Григорьев молчал. Вот тебе и всемогущий завпрозой! Значит, не случайно даже среди изломанных обитателей странного Дома этот «полковник» выглядел окончательно раздавленным. Расплющенным, как цыпленок-табака. Однако же и его допекло, не вытерпел. И — самое занятное: как отчаянно пытался он доказать свою правоту именно Григорьеву. Не кому-нибудь из высокого литофицерства, из тех, кого догнал в чинах, а то и превзошел. Не кому-нибудь из «молодых», рвущихся в ту же систему, понятных ему и от него зависящих. А вот именно — чужаку, который и пишет невесть что, и невесть зачем сидит за этим столом. Тому, кто раздражает, просто бесит самой своей неясностью.
«…В марте 1675 года у ворот окруженного стеною сада в предместье Вены остановилась тяжелая карета с имперскими орлами на дверцах. Ее сопровождал десяток всадников в гвардейской форме. Из кареты никто не вышел, она была пуста. Один из гвардейцев соскочил с коня, прошел мимо привратника и, печатая шаг по дорожке из каменных плит, направился через сад к темному дому с угловыми башенками, подобию маленькой крепости. Здесь, на покое, жил в последнее время самый прославленный полководец Священной Римской империи, старый фельдмаршал граф Раймонд Монтекукколи.
Гвардейца встретил пожилой слуга, не похожий на лакея ни одеждой, напоминавшей скорей солдатскую куртку, чем ливрею, ни своим грубым лицом. Явно денщик из унтер-офицеров.
Хозяин дома, седой великан в шелковом халате, снял очки, отложил книгу и поднялся из кресла. Лицо его было серьезным, соответствуя значительности момента.

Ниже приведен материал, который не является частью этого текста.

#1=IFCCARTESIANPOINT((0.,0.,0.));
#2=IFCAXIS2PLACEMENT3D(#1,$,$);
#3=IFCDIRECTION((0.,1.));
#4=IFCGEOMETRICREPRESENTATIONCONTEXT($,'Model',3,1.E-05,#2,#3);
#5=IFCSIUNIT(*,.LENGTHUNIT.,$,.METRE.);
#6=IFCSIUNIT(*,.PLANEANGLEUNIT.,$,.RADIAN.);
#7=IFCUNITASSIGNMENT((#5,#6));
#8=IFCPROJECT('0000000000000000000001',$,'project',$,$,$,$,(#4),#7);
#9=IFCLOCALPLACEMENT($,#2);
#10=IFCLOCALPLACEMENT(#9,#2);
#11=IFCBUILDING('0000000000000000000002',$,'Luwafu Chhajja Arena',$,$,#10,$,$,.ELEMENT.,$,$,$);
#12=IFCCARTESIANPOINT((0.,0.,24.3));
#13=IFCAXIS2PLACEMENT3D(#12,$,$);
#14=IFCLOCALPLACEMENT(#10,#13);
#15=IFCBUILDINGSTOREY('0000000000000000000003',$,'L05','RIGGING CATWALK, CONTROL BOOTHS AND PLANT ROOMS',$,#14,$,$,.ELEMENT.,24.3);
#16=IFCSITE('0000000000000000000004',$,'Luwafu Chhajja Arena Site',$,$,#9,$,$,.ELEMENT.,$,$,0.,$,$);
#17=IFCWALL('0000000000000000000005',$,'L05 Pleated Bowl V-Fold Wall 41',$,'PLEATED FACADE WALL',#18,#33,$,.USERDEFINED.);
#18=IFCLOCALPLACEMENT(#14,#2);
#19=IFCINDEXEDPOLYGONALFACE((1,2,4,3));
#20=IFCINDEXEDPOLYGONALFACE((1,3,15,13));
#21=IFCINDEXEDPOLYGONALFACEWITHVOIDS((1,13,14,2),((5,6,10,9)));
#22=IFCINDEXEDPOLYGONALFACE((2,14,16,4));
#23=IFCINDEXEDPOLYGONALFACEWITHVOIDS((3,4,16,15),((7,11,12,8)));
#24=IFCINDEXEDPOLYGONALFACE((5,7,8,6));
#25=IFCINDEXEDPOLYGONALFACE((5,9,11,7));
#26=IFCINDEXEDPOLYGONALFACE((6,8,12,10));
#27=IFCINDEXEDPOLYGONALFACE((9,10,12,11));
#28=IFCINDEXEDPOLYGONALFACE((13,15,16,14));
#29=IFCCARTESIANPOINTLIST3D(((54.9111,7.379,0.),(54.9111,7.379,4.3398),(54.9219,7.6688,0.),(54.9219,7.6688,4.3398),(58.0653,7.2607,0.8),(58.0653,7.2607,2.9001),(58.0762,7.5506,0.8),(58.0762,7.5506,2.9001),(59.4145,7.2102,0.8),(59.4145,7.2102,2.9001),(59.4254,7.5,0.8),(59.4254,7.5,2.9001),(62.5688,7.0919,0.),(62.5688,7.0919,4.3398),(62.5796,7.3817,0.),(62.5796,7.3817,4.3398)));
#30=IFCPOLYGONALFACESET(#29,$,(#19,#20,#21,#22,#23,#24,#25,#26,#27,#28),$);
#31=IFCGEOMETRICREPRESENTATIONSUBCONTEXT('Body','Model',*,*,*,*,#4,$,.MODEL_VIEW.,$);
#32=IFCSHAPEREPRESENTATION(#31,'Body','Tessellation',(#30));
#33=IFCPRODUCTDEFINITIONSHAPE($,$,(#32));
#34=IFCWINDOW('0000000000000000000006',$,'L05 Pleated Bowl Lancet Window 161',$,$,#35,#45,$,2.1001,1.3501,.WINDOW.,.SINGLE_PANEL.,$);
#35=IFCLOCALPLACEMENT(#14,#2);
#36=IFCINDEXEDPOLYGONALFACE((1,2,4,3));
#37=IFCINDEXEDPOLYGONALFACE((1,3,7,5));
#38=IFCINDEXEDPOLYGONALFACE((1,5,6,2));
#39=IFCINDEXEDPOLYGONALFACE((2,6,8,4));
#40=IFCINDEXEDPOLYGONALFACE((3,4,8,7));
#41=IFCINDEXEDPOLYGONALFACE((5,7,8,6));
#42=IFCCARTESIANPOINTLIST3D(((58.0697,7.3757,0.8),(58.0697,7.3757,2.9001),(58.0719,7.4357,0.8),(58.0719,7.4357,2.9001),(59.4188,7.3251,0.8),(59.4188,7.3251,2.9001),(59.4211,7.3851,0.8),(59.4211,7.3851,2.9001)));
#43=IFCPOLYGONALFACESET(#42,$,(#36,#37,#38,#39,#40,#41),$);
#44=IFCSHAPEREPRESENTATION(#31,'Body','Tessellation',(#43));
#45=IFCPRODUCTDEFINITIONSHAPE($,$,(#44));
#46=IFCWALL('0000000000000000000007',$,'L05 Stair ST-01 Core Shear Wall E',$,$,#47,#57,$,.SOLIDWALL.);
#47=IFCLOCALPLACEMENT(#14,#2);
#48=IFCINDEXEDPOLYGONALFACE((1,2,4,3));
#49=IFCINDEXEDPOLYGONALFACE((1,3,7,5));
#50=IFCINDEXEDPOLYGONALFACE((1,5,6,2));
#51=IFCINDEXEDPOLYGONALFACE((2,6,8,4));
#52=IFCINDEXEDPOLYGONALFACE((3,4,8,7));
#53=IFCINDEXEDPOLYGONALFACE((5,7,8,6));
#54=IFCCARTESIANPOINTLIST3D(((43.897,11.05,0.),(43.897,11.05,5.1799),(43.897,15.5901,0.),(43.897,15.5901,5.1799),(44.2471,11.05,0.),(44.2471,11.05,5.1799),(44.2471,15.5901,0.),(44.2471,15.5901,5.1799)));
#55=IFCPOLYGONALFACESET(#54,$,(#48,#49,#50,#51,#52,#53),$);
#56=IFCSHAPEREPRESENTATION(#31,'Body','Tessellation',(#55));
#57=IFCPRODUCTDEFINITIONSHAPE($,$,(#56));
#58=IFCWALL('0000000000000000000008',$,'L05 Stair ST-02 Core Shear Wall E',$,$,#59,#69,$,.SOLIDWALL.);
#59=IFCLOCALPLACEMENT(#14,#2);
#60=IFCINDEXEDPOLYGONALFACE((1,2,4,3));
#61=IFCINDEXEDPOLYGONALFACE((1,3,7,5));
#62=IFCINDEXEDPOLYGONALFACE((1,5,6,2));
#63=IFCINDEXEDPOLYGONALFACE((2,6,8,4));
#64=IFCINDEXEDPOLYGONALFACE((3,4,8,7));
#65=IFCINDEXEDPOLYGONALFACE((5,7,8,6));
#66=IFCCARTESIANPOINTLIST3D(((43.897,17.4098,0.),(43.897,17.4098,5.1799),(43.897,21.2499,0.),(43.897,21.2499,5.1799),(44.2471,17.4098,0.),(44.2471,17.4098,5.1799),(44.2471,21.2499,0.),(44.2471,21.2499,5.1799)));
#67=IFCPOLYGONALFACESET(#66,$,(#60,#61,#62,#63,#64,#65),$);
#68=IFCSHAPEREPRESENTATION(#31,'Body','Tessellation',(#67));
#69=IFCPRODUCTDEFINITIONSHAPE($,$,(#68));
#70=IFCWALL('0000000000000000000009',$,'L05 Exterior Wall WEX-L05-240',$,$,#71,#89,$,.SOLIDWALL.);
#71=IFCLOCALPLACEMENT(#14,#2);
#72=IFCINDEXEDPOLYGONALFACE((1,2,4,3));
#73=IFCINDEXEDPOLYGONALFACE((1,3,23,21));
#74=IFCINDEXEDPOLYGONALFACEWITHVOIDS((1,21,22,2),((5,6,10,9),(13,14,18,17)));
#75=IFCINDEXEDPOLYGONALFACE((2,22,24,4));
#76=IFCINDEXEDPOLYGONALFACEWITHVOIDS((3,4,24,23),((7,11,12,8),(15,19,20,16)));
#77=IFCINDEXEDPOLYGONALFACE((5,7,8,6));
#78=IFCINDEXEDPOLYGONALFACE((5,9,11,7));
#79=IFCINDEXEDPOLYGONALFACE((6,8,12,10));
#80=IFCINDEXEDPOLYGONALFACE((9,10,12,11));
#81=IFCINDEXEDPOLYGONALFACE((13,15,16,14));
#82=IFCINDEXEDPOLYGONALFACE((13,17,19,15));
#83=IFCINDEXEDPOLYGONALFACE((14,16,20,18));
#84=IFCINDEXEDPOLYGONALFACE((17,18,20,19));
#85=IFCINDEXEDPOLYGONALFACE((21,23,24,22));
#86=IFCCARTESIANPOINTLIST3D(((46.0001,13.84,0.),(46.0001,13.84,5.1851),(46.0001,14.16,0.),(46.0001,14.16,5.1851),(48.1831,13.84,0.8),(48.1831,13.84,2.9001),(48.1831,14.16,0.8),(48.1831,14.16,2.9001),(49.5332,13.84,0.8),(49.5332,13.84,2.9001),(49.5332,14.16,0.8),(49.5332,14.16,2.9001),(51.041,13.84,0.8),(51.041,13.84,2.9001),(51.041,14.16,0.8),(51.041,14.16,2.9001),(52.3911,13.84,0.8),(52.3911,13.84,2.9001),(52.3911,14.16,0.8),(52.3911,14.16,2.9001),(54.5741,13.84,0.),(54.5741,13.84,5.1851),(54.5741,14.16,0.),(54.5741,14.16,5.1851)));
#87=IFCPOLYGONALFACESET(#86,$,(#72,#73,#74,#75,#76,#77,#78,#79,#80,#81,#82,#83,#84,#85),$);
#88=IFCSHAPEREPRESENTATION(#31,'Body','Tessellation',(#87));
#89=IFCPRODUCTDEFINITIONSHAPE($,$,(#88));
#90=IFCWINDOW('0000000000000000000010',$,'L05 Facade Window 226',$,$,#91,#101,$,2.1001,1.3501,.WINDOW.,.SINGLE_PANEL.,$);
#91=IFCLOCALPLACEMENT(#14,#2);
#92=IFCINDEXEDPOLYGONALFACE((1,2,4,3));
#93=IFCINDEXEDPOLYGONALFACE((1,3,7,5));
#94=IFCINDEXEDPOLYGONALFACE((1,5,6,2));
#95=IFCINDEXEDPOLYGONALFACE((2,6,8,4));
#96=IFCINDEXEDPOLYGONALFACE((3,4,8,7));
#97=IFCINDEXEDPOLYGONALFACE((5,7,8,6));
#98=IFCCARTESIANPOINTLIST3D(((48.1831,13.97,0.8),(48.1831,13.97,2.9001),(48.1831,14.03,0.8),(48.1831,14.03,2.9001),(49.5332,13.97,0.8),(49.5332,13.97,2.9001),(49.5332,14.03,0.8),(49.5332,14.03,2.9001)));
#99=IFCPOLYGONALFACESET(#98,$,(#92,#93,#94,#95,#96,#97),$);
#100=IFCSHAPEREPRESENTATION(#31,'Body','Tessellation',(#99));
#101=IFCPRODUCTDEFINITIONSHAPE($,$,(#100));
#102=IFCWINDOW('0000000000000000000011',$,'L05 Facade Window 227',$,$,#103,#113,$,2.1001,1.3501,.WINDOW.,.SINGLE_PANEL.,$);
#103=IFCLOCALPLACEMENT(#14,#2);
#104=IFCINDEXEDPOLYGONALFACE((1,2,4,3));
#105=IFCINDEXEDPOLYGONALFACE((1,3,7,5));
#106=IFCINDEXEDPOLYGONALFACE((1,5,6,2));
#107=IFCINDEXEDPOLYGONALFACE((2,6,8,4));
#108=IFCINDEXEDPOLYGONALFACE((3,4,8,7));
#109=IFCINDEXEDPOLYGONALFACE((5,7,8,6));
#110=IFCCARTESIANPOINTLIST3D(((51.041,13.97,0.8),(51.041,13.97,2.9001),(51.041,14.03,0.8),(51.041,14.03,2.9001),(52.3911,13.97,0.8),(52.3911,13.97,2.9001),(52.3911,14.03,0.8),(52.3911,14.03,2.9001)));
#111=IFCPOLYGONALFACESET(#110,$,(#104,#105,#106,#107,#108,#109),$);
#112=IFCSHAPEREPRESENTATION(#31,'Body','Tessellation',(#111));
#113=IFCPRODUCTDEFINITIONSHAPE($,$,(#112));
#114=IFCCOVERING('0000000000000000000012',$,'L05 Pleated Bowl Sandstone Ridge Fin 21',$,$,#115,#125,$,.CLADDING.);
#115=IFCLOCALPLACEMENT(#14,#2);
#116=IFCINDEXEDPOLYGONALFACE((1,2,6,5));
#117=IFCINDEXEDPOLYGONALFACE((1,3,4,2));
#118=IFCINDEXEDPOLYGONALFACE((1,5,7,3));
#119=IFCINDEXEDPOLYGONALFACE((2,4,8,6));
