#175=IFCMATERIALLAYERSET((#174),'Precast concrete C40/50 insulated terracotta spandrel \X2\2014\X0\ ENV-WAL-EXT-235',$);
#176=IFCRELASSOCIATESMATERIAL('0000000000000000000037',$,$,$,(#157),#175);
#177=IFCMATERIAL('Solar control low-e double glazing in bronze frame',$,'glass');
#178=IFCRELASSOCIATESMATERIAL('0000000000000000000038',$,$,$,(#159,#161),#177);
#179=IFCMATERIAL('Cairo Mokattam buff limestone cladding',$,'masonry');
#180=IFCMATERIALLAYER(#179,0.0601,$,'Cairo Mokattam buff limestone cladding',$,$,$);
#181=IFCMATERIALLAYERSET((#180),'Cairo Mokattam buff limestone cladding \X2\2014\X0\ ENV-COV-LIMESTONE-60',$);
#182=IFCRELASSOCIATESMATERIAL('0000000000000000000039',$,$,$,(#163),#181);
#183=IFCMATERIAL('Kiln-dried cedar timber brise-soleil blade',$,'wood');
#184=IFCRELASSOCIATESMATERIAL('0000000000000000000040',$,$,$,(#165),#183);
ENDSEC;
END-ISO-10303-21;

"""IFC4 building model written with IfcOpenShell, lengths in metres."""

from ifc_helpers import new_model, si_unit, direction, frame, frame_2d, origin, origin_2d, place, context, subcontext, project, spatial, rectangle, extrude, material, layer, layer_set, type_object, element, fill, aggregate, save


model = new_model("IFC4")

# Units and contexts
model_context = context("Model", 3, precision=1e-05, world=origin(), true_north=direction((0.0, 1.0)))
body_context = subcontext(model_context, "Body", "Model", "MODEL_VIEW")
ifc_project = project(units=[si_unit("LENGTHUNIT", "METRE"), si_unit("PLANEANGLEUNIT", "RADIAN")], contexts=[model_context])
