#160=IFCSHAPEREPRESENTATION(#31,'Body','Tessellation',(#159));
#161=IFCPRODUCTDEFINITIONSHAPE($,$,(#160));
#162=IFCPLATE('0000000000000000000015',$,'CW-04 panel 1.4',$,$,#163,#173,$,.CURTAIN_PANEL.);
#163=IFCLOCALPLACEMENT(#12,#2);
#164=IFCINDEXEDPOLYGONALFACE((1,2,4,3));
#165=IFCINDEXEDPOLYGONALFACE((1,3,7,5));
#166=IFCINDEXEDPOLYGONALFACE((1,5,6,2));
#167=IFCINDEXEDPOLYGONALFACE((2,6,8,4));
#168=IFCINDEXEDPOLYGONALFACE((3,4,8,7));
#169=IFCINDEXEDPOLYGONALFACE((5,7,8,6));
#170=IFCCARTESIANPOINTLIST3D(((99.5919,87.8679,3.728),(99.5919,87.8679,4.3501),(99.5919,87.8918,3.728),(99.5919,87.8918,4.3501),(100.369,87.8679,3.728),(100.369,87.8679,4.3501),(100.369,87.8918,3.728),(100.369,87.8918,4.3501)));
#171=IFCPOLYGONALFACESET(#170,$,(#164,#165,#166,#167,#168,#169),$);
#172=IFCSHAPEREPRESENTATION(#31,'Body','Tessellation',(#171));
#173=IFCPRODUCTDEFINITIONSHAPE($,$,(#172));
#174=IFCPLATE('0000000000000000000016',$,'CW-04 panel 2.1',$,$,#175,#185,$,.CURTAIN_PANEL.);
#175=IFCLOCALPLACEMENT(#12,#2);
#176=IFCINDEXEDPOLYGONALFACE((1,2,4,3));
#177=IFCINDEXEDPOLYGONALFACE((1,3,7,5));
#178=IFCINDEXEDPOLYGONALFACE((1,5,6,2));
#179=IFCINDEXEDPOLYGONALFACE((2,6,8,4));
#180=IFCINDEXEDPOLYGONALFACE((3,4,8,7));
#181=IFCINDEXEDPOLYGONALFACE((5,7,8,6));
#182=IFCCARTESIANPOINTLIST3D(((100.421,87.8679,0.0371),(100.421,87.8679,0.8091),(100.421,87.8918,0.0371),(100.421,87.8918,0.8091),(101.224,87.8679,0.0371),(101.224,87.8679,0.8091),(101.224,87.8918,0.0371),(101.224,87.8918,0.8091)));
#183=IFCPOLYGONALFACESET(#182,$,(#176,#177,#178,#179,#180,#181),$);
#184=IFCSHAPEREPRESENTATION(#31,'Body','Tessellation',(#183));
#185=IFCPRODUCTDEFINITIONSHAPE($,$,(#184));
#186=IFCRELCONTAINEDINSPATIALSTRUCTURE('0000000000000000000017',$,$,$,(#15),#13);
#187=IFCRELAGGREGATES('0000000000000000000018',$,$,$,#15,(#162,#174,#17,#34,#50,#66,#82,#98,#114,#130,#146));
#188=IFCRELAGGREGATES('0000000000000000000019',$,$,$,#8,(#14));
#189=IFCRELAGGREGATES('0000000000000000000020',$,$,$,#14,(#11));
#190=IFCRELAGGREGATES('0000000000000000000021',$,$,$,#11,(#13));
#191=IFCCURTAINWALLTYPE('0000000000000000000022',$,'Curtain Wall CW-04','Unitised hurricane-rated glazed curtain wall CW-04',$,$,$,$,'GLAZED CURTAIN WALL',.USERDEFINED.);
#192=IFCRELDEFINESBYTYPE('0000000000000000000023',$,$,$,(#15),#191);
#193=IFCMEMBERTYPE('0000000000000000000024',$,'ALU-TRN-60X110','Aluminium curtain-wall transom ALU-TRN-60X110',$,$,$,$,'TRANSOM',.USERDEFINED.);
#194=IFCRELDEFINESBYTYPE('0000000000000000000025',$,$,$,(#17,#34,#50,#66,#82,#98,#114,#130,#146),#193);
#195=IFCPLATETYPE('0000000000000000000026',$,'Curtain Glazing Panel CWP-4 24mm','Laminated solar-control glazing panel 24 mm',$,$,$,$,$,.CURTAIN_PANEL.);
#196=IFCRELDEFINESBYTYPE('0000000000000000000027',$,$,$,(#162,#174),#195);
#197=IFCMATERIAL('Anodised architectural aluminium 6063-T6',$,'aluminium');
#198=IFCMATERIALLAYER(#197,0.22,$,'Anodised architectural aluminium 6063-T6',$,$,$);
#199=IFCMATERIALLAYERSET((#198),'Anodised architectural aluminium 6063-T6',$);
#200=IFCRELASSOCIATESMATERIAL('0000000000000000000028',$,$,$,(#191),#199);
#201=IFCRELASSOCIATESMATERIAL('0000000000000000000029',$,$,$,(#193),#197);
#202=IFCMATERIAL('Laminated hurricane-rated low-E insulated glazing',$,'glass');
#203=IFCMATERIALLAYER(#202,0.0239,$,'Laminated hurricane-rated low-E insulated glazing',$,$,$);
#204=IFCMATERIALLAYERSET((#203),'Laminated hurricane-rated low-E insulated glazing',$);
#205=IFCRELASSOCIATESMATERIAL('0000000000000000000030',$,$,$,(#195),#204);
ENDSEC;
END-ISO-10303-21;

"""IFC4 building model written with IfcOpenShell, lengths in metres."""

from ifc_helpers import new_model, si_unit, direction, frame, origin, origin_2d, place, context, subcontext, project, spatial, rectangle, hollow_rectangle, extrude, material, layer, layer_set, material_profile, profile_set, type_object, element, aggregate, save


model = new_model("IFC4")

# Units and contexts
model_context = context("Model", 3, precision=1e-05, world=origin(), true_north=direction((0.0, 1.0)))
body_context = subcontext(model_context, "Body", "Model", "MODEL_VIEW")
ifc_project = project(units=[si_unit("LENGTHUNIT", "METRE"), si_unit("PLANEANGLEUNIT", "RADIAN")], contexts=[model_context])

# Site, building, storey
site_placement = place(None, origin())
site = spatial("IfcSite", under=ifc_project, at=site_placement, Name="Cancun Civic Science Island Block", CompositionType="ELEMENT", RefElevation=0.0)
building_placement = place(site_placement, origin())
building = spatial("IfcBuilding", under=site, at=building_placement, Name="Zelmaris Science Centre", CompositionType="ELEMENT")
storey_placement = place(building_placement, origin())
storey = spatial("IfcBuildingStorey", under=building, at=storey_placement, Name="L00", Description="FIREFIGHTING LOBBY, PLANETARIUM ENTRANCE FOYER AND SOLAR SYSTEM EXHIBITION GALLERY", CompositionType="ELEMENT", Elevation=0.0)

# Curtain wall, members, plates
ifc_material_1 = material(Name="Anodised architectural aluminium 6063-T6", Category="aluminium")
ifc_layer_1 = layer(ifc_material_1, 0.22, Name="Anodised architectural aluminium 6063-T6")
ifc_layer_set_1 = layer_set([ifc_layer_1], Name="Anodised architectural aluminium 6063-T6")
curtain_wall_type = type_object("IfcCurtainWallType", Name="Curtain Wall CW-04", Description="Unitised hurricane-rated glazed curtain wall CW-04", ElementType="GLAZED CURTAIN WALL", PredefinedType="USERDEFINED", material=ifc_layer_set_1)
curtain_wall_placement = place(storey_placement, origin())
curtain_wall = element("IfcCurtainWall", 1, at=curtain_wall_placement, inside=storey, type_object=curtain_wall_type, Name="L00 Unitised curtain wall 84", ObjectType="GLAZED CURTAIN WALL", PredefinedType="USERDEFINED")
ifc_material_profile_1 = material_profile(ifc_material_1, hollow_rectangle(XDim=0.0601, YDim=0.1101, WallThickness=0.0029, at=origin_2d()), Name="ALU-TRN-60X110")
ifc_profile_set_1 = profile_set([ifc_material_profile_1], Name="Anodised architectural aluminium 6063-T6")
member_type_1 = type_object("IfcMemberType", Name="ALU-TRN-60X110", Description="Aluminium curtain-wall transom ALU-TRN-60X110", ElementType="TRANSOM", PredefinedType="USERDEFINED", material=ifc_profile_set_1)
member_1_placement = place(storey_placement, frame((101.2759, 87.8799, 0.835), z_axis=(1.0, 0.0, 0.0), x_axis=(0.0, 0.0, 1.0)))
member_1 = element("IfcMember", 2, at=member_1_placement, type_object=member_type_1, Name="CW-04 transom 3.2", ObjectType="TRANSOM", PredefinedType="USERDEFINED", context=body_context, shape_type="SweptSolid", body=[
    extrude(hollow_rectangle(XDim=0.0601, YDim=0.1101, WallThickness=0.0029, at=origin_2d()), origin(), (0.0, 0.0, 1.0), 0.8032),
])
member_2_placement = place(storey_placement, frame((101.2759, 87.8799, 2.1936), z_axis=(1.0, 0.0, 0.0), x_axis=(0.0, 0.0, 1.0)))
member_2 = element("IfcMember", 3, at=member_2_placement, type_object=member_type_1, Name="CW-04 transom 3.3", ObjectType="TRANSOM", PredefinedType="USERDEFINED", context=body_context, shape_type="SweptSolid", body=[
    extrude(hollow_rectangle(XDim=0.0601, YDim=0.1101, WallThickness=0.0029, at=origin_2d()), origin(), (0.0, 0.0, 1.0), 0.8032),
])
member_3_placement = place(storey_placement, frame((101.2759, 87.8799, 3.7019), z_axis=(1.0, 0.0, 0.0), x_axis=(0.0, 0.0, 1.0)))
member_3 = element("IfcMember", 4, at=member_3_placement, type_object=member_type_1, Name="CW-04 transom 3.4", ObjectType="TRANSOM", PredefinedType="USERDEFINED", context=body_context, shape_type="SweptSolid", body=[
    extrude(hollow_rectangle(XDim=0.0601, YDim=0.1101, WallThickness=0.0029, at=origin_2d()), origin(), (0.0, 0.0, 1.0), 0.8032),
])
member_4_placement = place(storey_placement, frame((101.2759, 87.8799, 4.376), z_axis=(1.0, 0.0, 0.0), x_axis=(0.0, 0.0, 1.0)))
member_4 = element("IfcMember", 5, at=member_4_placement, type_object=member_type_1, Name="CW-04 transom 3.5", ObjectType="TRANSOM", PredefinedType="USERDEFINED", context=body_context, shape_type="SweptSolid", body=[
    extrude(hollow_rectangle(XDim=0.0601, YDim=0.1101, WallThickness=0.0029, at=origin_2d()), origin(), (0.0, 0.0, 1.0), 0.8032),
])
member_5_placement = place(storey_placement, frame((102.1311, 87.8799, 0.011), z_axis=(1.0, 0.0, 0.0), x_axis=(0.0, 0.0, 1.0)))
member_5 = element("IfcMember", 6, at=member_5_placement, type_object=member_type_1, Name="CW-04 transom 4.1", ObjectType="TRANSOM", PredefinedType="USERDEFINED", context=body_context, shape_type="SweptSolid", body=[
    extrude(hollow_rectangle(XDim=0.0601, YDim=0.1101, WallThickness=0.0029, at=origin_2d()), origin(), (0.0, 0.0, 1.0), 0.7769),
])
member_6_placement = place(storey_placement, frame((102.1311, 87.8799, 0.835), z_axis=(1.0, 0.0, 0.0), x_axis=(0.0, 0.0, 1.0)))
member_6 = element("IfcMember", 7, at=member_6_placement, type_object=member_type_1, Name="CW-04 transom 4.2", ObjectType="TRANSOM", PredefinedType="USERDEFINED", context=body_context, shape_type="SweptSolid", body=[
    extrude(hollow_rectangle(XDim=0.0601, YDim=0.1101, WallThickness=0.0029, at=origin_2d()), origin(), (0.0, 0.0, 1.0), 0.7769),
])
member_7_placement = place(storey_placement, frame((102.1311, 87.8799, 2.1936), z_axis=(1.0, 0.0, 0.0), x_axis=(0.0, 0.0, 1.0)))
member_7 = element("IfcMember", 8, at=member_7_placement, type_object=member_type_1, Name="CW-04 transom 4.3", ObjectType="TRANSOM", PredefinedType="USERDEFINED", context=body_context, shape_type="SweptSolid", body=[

Лишь в черных, итальянских, по-прежнему молодых глазах посверкивали веселые искорки (забавно было наблюдать через окно, как роскошный гвардейский офицер вышагивает, точно на смотру, сквозь его пустынный сад).
Фельдмаршал принял у посланца пакет, сломал печати. Развернул лист сверкающей белизной бумаги и, отстранив в вытянутой руке (очками при посторонних не пользовался никогда, хоть давно мучился стариковской дальнозоркостью), пробежал несколько строк, исполненных изумительными завитушками писаря дворцовой канцелярии. Задержался взглядом на собственноручной, с чернильными брызгами, подписи императора: ЛЕОПОЛЬД.